Not pretty. And not correct, either! There's a race condition: if a future is resolved in between consecutive executions of this code, you may never receive its result. On the first call, you get the result of some other future that resolves faster, but by the time you're constructing the list to pass to the second Any, your future is now "done" and you omit it from the list.

Another complication is the reference cycle: Any refers to each future, which refers to a callback which refers back to Any. For prompt garbage collection, you should call clear() on Any before it goes out of scope. This is very awkward.

Additionally, you can't distinguish between a pending future, and a future that resolved to None. You'd need a special sentinel value distinct from None to represent a pending future.

The final complication is the worst. If multiple futures are resolved and some of them have exceptions, there's no obvious way for Any to communicate all that information to you. Mixing exceptions and results in a list would be perverse.

Fortunately, there's a better way. We can make Any return just the first future that resolves, instead of a list of results:

class Any(Future):
    def __init__(self, futures):
        super(Any, self).__init__()
        for future in futures:
            future.add_done_callback(self.done_callback)

    def done_callback(self, future):
        self.set_result(future)

The reference cycle is gone, and the exception-handling question is answered: The Any class returns the whole future to you, instead of its result or exception. You can inspect it as you like.
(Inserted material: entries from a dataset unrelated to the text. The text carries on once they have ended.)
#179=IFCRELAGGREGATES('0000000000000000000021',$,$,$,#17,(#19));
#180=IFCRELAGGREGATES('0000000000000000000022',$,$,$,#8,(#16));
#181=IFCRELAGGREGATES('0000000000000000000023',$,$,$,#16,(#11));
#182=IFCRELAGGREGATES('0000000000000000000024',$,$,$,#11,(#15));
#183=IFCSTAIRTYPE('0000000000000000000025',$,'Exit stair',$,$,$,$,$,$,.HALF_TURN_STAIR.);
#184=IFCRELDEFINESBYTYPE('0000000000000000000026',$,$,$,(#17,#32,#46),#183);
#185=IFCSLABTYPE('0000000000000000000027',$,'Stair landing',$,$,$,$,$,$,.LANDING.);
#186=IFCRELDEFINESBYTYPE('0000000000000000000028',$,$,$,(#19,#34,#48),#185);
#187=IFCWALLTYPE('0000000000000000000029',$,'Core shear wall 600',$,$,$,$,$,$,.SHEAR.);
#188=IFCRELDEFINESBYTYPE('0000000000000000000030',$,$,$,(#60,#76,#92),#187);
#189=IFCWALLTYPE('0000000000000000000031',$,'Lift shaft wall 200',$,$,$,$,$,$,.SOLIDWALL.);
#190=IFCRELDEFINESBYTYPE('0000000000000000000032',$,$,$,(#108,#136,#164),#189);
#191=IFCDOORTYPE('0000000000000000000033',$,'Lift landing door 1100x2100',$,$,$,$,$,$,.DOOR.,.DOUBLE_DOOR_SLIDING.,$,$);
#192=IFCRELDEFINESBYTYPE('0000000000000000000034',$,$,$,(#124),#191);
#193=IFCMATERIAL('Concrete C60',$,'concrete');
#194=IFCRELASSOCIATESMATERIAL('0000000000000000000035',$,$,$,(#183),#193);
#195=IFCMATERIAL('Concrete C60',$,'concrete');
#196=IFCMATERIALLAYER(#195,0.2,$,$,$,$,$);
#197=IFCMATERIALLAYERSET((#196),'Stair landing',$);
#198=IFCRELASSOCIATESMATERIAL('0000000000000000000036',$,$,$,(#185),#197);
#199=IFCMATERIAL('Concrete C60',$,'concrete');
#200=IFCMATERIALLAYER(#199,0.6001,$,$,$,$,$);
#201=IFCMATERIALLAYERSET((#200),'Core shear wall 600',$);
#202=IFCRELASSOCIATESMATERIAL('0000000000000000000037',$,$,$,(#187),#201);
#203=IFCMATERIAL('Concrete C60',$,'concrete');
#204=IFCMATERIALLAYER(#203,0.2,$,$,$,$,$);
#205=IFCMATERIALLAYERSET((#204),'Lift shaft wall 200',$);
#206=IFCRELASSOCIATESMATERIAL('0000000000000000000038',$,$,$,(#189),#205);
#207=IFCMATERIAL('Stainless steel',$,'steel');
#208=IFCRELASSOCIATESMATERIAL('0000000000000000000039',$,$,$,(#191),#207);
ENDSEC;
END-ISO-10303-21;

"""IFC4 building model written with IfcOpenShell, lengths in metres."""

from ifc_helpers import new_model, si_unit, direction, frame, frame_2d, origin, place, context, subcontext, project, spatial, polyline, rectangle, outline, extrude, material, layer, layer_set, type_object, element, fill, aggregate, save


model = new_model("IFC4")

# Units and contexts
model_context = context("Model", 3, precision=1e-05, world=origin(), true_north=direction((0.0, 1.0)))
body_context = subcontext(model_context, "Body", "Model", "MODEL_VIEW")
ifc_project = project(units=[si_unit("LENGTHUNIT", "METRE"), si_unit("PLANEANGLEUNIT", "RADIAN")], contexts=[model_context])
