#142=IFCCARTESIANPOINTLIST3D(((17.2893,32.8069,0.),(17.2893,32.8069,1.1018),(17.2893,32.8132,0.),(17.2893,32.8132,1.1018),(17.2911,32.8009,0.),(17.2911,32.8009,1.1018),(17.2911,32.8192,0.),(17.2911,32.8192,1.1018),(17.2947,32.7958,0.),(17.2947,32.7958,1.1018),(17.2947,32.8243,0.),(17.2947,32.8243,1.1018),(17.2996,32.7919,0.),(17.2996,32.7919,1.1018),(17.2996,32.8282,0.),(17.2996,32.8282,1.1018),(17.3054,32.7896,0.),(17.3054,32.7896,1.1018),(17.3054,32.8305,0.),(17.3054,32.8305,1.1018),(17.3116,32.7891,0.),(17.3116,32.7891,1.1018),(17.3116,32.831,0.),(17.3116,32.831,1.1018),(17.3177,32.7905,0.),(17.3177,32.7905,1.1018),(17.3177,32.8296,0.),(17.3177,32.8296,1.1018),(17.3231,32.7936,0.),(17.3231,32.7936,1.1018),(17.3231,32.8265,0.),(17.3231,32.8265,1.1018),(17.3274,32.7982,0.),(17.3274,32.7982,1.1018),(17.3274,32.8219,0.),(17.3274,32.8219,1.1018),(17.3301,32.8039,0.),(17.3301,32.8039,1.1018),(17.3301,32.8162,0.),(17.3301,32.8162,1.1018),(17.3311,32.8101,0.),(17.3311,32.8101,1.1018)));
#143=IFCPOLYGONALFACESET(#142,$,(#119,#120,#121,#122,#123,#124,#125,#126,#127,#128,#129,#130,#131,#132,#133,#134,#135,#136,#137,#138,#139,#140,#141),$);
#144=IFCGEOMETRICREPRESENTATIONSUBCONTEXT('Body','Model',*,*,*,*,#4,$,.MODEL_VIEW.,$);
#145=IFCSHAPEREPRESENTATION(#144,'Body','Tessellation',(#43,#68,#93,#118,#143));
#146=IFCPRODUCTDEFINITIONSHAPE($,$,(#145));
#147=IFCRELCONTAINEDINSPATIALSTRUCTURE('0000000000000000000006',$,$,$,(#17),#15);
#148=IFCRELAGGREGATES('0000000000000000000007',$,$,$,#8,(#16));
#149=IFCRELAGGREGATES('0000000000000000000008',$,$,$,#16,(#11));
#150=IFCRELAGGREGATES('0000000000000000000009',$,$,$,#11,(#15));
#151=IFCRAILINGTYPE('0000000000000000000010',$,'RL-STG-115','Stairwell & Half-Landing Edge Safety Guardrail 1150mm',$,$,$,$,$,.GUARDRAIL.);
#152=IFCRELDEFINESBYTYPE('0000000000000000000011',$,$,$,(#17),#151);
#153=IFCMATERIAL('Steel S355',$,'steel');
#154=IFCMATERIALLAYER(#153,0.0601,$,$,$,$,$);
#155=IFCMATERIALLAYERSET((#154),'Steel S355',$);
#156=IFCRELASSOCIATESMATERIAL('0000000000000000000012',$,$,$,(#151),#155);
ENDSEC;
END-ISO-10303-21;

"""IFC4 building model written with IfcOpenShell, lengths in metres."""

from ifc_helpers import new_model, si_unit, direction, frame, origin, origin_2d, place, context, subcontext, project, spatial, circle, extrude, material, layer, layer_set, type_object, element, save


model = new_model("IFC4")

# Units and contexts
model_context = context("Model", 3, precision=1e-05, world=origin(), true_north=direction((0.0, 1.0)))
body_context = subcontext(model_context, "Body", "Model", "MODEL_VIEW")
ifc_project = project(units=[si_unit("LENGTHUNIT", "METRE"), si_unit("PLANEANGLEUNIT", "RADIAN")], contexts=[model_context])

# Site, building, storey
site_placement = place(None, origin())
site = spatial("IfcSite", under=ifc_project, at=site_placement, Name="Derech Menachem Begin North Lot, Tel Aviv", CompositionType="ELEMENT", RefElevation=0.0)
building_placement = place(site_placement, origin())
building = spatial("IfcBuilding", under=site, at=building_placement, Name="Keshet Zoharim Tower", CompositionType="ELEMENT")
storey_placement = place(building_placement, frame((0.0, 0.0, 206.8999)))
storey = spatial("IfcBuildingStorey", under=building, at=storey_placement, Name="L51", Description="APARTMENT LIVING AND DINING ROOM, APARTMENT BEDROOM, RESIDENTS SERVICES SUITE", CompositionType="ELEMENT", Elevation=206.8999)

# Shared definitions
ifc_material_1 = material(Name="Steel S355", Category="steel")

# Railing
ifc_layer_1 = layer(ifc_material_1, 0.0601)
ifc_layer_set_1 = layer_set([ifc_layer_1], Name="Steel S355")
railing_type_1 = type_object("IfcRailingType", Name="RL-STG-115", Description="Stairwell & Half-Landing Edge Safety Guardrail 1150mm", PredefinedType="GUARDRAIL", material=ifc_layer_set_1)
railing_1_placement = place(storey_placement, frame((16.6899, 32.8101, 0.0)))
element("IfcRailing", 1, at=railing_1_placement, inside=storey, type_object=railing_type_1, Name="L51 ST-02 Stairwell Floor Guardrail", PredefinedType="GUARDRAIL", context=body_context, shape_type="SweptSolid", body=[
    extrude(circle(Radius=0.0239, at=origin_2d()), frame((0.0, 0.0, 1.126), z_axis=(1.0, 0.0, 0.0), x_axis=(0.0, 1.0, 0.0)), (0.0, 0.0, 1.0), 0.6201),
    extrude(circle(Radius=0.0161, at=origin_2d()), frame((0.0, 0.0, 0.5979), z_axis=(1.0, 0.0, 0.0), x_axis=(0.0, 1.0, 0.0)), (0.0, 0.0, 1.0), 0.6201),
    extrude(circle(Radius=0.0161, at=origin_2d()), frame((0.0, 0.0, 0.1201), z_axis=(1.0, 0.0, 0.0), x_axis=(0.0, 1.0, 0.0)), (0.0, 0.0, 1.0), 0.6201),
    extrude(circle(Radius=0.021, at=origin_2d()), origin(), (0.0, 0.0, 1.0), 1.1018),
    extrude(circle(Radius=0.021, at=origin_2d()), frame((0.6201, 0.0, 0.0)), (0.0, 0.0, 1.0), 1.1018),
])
It's also easy to wait for the remaining futures after some are resolved:

@gen.coroutine
def f():
    start = time.time()
    future1 = delayed_msg(2, '2')
    future2 = delayed_msg(3, '3')
    future3 = delayed_msg(1, '1')

    futures = set([future1, future2, future3])
    while futures:
        resolved = yield Any(futures)
        end = time.time()
        print "finished in %.1f sec: %r" % (
            end - start, resolved.result())
        futures.remove(resolved)

As desired, this prints:

finished in 1.0 sec: '1'
finished in 2.0 sec: '2'
finished in 3.0 sec: '3'

There's no race condition now. You can't miss a result, because you don't remove a future from the list unless you've received its result.

To test the exception-handling behavior, let's make a function that raises an exception after a delay:

@gen.coroutine
def delayed_exception(seconds, msg):
    yield gen.Task(IOLoop.current().add_timeout,
                   time.time() + seconds)
    raise Exception(msg)

Now, instead of returning a result, one of our futures will raise an exception:

@gen.coroutine
def f():
    start = time.time()
    future1 = delayed_msg(2, '2')
    # Exception!
    future2 = delayed_exception(3, '3')
    future3 = delayed_msg(1, '1')

    futures = set([future1, future2, future3])
    while futures:
        resolved = yield Any(futures)
        end = time.time()
        try:
            outcome = resolved.result()
        except Exception as e:
            outcome = e

        print "finished in %.1f sec: %r" % (
            end - start, outcome)
        futures.remove(resolved)

Now, the script prints:

finished in 1.0 sec: '1'
finished in 2.0 sec: '2'
finished in 3.0 sec: Exception('3',)

It took a bit of thinking, but our final Any class is simple. It lets you launch many concurrent operations and process them in the order they complete. Not bad.